Le défi de fond est celui du rang dans la chaîne de valeur. Transformer le cacao est une avancée. Produire davantage de chocolat, d’ingrédients alimentaires et de produits finis en est une autre. Décortiquer l’anacarde est nécessaire. En tirer huiles, aliments et produits dérivés l’est davantage. Transformer le caoutchouc est utile. Produire pneus, composants automobiles et équipements médicaux à forte valeur ajoutée serait une étape supérieure. C’est cette montée de la première vers la deuxième et la troisième transformation qui déterminera la prochaine décennie ivoirienne.
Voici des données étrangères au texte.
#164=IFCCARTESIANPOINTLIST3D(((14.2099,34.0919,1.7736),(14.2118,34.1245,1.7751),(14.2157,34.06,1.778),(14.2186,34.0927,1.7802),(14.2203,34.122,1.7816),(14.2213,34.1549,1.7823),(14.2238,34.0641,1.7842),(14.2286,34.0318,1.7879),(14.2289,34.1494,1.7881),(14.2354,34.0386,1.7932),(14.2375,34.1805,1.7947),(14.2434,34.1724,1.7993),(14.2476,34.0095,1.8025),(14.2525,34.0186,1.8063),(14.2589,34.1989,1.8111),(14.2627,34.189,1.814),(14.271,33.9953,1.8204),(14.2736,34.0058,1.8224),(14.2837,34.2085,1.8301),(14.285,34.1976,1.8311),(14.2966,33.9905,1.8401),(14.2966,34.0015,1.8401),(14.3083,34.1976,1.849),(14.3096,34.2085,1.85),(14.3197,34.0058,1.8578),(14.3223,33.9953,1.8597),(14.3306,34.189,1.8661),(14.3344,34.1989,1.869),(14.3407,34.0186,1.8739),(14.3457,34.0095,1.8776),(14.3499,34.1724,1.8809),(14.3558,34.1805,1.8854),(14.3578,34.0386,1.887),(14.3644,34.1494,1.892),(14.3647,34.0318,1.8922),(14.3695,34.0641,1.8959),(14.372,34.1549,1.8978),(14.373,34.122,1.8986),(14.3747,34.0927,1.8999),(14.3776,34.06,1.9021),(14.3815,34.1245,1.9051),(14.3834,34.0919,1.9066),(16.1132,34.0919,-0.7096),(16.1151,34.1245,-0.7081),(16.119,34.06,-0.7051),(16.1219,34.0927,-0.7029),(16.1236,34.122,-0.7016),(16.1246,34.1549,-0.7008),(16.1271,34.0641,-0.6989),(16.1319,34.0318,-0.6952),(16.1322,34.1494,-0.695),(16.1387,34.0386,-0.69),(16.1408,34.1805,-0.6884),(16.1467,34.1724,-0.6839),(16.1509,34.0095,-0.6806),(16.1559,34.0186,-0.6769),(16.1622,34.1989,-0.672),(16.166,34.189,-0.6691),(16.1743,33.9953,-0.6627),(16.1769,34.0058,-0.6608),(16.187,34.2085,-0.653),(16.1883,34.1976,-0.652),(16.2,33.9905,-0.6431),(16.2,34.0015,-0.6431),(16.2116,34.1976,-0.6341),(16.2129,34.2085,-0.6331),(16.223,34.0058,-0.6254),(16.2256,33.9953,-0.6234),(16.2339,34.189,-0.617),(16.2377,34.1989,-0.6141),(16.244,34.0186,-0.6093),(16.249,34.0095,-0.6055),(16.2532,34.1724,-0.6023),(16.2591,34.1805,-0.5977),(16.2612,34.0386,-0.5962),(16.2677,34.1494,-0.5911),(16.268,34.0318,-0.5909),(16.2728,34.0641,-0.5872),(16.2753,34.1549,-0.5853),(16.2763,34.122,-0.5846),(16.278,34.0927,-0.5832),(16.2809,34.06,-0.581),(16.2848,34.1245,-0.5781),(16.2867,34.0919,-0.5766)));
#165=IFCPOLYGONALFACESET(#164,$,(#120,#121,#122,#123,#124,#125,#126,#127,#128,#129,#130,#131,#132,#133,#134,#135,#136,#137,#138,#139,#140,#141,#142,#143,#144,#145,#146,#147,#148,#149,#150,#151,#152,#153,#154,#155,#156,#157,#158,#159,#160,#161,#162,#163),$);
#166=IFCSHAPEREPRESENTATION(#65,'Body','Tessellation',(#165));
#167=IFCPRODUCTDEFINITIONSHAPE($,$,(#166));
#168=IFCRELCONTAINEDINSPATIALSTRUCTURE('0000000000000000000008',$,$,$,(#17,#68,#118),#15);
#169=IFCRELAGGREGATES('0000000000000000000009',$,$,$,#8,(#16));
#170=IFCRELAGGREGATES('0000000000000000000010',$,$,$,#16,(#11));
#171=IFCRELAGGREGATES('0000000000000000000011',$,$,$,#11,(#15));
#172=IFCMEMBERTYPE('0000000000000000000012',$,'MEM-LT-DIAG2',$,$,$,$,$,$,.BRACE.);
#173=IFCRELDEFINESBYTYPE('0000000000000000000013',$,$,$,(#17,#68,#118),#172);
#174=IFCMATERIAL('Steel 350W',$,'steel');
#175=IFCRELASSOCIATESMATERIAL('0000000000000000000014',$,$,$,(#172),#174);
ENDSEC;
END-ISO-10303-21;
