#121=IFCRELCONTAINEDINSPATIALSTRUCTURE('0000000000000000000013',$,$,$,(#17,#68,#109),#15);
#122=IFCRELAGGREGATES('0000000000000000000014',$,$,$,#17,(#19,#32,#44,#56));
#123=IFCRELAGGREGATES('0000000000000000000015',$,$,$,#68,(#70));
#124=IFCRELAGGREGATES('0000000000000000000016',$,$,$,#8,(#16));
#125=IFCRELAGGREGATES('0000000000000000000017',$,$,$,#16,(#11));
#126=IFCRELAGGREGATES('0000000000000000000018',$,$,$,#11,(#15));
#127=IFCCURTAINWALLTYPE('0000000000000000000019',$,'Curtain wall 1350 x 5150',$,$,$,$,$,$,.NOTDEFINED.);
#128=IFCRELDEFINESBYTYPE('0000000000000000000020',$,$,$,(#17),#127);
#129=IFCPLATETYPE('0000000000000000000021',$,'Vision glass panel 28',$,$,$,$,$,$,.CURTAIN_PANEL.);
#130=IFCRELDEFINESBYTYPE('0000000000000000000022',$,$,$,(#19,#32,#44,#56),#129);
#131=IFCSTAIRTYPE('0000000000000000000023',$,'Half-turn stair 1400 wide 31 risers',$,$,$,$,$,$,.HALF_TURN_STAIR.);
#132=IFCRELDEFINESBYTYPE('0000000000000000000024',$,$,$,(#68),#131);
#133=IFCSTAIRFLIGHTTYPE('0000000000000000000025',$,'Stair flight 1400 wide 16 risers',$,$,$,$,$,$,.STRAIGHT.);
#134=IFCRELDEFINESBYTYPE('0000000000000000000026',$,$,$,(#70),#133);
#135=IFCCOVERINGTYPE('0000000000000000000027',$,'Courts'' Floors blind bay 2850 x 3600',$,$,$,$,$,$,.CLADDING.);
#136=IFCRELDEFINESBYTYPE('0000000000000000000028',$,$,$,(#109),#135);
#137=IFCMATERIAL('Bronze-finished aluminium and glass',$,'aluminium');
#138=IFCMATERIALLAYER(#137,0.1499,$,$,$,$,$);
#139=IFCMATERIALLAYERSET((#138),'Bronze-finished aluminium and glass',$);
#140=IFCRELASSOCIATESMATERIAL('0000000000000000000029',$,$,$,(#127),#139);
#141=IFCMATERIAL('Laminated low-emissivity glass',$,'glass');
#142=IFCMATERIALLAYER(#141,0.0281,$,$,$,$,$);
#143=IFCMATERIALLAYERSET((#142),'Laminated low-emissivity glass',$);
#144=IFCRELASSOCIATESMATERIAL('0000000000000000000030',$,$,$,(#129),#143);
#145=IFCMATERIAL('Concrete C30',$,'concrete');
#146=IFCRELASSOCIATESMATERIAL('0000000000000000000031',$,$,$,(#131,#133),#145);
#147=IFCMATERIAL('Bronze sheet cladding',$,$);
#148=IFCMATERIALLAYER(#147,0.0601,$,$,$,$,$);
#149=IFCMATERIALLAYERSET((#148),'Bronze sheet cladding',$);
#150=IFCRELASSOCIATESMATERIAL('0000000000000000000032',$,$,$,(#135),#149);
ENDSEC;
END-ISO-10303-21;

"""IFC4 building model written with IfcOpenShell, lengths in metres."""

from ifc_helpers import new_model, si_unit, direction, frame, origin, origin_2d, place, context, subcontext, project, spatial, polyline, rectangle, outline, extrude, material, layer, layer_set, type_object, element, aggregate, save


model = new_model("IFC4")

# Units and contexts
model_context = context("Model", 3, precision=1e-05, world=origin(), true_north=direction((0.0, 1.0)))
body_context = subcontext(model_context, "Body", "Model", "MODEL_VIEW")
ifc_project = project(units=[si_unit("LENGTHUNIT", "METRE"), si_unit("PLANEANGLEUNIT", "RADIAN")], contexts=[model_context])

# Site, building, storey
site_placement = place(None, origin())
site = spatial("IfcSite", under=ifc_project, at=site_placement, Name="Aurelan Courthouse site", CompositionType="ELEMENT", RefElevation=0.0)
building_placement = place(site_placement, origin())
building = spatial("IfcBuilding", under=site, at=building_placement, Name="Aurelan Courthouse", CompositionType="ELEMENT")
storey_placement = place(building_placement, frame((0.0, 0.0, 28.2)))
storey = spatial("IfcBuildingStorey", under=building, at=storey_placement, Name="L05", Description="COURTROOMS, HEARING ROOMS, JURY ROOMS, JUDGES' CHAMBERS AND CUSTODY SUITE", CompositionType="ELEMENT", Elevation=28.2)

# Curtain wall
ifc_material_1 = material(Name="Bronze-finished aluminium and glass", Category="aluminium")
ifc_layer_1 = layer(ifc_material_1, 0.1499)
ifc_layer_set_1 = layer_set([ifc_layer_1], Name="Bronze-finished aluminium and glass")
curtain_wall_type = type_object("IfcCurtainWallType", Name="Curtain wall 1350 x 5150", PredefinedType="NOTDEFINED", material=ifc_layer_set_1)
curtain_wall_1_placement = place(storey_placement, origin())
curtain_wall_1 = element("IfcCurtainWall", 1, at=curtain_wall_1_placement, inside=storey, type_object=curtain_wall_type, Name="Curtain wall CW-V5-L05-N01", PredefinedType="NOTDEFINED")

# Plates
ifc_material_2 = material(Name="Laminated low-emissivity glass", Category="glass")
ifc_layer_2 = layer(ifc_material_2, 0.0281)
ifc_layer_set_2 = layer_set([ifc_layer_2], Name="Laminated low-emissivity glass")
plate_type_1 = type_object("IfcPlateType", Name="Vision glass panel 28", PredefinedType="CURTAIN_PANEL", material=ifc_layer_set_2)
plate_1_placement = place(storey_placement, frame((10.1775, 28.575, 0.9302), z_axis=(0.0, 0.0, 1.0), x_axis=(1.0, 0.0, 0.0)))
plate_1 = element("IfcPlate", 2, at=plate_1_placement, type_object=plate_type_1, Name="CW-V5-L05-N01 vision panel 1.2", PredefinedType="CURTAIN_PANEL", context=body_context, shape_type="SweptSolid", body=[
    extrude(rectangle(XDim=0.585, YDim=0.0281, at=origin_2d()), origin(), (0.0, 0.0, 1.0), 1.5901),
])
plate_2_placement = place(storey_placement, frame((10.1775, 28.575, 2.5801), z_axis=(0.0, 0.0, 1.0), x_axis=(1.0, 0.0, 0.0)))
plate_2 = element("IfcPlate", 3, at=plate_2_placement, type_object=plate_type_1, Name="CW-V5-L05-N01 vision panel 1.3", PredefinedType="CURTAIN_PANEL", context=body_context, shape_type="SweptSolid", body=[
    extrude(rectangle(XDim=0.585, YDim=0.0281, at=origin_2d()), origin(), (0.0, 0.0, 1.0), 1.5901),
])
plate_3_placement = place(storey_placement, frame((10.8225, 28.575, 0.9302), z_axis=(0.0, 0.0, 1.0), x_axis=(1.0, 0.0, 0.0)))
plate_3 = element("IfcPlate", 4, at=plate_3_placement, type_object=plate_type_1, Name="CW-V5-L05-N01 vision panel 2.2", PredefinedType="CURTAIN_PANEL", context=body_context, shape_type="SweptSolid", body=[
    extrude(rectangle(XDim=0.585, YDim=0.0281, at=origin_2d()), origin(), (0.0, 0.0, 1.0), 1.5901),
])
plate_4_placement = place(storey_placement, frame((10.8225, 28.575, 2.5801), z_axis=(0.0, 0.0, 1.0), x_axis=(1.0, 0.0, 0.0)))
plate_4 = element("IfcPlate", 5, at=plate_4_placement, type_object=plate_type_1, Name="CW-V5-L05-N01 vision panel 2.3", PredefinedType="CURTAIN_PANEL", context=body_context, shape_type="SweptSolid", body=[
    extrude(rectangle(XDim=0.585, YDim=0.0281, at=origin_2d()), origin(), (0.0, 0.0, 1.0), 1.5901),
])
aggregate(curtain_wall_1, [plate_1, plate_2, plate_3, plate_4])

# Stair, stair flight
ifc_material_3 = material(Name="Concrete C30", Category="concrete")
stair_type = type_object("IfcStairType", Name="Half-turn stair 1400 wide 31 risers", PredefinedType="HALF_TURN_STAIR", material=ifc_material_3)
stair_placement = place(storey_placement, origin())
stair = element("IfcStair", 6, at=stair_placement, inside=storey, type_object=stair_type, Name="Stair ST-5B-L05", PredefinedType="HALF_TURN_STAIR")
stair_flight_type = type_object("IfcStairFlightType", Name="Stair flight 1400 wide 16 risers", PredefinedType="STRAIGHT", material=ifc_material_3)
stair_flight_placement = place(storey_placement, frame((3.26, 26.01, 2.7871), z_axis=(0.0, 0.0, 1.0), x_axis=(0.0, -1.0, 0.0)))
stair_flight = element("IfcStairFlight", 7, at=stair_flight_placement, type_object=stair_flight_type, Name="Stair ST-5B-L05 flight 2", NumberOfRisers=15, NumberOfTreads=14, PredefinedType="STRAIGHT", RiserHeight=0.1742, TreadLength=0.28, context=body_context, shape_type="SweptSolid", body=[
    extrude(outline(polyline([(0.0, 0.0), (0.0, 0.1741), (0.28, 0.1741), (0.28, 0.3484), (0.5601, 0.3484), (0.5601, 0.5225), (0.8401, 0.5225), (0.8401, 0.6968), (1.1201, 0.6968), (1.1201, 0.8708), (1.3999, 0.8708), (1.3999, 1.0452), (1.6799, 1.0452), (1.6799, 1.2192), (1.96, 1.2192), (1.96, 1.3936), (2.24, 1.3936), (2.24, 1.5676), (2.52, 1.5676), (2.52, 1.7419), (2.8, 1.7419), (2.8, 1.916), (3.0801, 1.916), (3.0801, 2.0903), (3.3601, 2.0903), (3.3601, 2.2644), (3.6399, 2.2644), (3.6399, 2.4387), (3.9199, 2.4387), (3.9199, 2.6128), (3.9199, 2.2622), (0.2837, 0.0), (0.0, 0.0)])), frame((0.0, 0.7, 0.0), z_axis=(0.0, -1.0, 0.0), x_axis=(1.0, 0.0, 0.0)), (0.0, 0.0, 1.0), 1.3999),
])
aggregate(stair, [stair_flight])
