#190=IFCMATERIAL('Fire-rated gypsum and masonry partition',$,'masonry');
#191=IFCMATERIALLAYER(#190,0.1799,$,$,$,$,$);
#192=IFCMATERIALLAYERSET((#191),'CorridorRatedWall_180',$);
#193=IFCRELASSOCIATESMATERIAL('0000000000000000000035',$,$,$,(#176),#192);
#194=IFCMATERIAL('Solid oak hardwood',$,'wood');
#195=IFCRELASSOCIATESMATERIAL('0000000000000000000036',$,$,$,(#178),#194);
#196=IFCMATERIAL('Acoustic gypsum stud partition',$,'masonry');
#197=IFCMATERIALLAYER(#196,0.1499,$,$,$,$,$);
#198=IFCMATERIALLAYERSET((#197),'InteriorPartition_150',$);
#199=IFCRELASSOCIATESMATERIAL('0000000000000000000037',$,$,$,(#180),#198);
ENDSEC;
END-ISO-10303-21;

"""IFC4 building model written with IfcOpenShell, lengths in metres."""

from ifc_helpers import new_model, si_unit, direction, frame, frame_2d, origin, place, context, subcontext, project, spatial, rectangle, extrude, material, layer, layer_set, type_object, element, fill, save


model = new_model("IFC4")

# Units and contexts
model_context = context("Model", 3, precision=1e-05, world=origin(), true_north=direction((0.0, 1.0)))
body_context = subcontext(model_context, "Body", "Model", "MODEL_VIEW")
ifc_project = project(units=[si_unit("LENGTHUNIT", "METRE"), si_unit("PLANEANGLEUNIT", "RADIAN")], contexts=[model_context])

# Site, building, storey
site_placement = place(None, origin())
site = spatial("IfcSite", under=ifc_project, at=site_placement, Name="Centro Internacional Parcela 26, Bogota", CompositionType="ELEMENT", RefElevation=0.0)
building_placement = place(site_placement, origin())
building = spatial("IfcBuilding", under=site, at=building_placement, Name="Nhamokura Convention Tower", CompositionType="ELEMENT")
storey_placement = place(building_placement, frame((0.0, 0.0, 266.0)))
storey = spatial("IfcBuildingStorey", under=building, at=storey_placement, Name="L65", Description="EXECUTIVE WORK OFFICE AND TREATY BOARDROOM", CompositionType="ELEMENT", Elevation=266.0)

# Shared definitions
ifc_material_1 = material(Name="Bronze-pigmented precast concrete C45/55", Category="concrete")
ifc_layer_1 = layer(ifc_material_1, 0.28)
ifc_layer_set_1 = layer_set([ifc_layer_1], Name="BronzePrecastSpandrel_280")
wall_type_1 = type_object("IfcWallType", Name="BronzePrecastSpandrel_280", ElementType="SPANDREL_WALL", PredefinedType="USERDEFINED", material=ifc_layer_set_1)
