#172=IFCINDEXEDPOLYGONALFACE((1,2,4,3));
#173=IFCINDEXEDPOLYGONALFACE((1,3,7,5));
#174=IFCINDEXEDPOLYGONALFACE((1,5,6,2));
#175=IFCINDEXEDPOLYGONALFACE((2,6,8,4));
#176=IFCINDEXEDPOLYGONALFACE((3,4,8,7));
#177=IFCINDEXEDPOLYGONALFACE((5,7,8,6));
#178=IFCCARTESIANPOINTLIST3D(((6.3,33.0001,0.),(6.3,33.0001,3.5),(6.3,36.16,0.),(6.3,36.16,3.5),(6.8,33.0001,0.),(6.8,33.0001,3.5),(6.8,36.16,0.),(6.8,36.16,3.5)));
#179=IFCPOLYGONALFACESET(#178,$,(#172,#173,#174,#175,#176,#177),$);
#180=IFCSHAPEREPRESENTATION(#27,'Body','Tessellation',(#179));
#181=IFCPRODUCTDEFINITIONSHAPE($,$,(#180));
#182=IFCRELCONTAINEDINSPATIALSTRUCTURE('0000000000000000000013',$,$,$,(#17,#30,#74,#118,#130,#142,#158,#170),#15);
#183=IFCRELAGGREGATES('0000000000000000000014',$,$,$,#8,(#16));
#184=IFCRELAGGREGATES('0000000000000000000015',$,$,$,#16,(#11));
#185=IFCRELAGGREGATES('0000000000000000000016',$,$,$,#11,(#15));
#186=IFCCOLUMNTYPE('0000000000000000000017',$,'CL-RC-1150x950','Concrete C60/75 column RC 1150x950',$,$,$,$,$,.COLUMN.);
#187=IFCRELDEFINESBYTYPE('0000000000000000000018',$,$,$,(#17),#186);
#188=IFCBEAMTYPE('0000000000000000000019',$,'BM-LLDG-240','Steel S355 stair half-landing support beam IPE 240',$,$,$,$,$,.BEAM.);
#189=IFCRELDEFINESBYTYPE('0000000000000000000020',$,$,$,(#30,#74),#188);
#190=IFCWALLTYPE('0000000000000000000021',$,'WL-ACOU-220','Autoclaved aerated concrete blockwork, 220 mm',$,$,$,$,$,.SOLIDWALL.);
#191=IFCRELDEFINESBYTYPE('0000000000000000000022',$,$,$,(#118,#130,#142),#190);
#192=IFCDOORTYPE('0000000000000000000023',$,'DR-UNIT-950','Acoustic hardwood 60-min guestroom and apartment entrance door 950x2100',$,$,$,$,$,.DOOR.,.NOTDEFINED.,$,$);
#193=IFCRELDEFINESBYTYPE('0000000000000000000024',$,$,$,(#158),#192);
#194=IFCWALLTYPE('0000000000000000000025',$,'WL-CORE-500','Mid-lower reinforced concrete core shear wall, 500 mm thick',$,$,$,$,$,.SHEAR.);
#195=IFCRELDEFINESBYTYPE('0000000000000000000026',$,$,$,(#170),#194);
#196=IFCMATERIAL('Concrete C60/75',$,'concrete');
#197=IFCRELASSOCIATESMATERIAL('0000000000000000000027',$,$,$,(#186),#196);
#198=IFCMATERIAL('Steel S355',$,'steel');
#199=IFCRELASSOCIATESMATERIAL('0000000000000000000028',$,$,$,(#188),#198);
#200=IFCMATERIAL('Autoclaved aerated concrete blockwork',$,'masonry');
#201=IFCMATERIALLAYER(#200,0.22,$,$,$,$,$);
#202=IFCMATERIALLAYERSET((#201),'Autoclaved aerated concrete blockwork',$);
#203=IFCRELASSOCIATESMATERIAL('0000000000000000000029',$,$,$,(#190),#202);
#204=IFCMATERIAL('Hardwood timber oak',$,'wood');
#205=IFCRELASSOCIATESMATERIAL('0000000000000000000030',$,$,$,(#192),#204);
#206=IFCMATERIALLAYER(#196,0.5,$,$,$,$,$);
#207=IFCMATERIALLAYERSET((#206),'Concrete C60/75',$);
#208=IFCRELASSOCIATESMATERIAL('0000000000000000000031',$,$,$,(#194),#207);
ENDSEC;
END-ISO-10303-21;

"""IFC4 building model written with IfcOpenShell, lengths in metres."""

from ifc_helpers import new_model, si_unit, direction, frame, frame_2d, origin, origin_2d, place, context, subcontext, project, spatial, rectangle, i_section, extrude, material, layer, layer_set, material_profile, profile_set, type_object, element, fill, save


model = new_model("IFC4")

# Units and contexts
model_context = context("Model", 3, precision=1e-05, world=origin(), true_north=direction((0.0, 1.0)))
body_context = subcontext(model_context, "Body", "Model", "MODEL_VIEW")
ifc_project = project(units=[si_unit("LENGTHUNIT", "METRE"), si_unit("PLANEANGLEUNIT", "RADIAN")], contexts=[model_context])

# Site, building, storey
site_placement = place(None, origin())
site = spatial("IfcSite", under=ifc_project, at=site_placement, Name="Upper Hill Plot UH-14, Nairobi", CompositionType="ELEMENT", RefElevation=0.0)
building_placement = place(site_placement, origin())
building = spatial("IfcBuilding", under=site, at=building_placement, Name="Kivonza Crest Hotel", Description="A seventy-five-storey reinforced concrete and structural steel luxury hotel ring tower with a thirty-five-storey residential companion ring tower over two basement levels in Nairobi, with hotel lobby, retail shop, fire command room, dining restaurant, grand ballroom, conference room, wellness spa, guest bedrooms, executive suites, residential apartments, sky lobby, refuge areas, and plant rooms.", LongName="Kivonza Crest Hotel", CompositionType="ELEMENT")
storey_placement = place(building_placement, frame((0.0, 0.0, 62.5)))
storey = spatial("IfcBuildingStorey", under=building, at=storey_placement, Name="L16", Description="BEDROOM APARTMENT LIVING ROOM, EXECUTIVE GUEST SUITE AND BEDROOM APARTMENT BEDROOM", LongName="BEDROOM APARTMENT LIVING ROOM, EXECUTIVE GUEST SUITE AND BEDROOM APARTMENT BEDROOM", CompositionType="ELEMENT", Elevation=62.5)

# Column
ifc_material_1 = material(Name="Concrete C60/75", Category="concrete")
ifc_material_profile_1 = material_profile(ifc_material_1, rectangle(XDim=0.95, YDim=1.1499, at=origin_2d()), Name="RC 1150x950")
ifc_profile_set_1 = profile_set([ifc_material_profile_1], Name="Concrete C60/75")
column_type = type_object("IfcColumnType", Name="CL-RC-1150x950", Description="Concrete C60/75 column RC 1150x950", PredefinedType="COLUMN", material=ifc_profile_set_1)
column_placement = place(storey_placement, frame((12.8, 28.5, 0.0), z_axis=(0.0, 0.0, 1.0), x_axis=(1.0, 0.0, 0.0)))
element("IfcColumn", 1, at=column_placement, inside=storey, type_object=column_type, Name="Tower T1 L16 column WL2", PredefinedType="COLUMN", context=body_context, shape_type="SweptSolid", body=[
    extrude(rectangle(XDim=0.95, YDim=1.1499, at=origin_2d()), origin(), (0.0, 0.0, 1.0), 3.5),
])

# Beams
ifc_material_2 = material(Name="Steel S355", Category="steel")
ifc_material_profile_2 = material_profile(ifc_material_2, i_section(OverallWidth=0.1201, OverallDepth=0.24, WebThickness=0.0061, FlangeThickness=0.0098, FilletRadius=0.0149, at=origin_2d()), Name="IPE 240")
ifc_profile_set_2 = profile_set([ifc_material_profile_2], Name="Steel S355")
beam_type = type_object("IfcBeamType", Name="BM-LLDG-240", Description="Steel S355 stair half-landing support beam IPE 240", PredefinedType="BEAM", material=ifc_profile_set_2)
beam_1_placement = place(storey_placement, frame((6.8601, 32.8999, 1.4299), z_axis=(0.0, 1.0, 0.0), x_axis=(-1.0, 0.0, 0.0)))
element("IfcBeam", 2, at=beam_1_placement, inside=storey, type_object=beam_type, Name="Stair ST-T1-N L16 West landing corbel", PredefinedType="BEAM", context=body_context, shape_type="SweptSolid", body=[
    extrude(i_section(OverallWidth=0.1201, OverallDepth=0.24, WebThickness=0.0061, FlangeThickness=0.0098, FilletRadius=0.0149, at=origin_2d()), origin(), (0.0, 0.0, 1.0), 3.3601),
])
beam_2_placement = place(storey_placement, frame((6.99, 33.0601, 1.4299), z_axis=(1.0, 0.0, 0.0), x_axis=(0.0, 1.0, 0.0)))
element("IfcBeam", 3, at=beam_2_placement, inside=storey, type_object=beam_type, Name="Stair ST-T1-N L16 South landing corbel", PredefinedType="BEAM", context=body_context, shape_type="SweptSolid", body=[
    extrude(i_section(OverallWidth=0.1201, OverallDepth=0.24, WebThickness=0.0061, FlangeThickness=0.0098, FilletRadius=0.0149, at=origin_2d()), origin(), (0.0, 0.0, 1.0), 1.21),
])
Les 12,26 milliards de dollars de 2025 sont moins un aboutissement qu’un signal. Après avoir été pendant des décennies le grenier agricole de l’Afrique de l’Ouest, la Côte d’Ivoire est peut-être en train d’en devenir l’atelier industriel. Le grand bond ne se mesurera pas seulement en milliards de dollars de valeur ajoutée. Il se mesurera au nombre de champions ivoiriens devenus africains, de PME transformées en fournisseurs industriels, d’ingénieurs formés et de produits ivoiriens exportés avec leur nom dessus.